Physics informed neural network

Then we will train the same neural network but with the regularization term. Training will be done with parameters:

  • $lr = 1.10^{-4}$
  • $epochs = 2.10^4$
mu, k = 2 * d, w0 ** 2

physics_model = SimpleNN()
optimizer = torch.optim.Adam(physics_model.parameters(), lr=1e-4)

x_physics = torch.linspace(0, 1, 30).view(-1, 1).requires_grad_(True)

l = 1e-4

for i in range(20000):
    optimizer.zero_grad()

    yh = physics_model(x_data)

    loss = torch.mean((yh - y_data) ** 2)

    yh_phy = physics_model(x_physics)

    dx = torch.autograd.grad(yh_phy, x_physics, torch.ones_like(yh_phy), create_graph=True)[0]
    dx2 = torch.autograd.grad(dx, x_physics, torch.ones_like(yh_phy), create_graph=True)[0]
    regularization = dx2 + mu * dx + k * yh_phy
    regularization = torch.mean(regularization ** 2)

    loss_physics = loss + l * regularization # MSE + regularization

    loss_physics.backward()
    optimizer.step()

    if (i + 1) % 1000 == 0:
        yh = physics_model(x).detach()
        plot_result(x, y, x_data.detach(), y_data, yh)
        if (i + 1) % 6000 == 0:
            plt.show()
        else:
            plt.close("all")

As you can see in the loss function above, there is a $\lambda$ parameter, we can use $1.10^{-4}$ at first, it should give good results.

The regularization term will not be computed on the same values than the MSE loss term otherwise it might perturbate the computation graph.

So you will generate 30 points between 0 and 1 using torch.linspace.
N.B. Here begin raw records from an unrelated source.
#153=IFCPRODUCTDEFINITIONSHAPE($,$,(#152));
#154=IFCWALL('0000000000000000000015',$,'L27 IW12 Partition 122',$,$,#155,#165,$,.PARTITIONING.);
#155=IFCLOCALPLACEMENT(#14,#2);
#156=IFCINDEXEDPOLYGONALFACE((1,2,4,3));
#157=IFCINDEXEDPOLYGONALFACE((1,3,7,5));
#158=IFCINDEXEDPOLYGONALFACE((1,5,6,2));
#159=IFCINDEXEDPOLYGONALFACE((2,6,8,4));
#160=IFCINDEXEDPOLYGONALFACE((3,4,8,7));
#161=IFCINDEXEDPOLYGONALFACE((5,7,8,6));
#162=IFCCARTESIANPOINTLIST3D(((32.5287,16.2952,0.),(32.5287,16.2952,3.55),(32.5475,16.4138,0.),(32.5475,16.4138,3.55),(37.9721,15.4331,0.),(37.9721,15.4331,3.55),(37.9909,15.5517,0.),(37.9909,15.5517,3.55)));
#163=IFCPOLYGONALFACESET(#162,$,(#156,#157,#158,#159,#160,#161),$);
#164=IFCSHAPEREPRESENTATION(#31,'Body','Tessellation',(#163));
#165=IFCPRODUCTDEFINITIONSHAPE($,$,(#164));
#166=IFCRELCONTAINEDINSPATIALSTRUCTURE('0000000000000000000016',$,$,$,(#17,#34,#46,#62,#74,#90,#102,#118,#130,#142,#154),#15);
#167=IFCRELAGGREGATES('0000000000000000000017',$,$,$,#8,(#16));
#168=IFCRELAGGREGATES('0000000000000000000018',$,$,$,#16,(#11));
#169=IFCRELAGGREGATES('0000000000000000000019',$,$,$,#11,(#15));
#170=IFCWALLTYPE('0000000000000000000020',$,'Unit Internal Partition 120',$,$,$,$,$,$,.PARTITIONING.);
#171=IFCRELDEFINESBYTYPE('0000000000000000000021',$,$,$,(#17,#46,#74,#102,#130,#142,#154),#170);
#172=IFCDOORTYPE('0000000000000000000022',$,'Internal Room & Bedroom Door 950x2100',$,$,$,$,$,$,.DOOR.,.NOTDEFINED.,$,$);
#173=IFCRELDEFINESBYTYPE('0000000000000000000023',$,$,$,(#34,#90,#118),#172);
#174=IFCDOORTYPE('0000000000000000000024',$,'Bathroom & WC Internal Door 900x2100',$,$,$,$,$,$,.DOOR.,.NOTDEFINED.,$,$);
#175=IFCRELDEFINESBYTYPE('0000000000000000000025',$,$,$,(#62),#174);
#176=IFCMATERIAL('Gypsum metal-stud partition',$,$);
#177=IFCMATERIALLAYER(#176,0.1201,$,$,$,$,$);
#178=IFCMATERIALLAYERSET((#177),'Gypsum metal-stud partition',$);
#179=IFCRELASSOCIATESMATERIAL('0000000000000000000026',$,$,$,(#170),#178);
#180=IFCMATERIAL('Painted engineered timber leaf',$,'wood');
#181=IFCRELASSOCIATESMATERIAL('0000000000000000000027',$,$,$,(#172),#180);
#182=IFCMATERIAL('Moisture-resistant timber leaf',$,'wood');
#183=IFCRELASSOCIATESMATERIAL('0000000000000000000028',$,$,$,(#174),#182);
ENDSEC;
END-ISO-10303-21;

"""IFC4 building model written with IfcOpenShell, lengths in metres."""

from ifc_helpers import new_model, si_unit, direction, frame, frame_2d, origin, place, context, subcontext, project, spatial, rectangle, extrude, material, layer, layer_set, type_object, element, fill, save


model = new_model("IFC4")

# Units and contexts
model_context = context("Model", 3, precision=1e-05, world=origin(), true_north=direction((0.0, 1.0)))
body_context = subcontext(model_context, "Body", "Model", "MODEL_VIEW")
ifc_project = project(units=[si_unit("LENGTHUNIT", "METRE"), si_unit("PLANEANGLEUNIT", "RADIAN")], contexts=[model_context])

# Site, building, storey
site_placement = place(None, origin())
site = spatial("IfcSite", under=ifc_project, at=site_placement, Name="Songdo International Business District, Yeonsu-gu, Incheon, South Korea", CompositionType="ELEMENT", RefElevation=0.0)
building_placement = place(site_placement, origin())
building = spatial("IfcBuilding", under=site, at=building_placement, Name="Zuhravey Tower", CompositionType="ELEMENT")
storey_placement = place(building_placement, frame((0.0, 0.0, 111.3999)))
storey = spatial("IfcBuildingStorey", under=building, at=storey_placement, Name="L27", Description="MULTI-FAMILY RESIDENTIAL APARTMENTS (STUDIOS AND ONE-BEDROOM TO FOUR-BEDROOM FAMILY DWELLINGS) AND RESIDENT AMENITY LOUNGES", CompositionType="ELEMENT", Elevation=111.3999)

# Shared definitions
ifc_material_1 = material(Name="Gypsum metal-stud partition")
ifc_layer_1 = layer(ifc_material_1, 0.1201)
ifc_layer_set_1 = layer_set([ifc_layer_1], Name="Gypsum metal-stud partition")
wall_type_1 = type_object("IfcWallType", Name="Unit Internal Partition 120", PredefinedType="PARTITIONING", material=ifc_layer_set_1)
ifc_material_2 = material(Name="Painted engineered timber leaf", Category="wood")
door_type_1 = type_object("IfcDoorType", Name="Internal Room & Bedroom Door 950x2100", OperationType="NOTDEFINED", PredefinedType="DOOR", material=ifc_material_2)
Do not forget to call the require gradient method on them, otherwise gradient won’t be computed during training.

At the end of training, you should see something like this:

Physics informed neural network prediction of the spring mass system position

Concept

Basically, what we are doing is choosing a class of function to approximate a phenomenon (the neural network), fitting it on data and adding a regularization term to ensure that our function respects conditions that are mandatory in real life.

This is why we can collect data only for the first seconds of the phenomenon, because we restricted our search for a solution to only solutions that respects Newton’s law, which makes the search much easier for our optimization algorithm.

Conclusion

This paradigm is the foundation for physics-based AI, such as the very impressive realization of Leap71 and their engine designed by AI.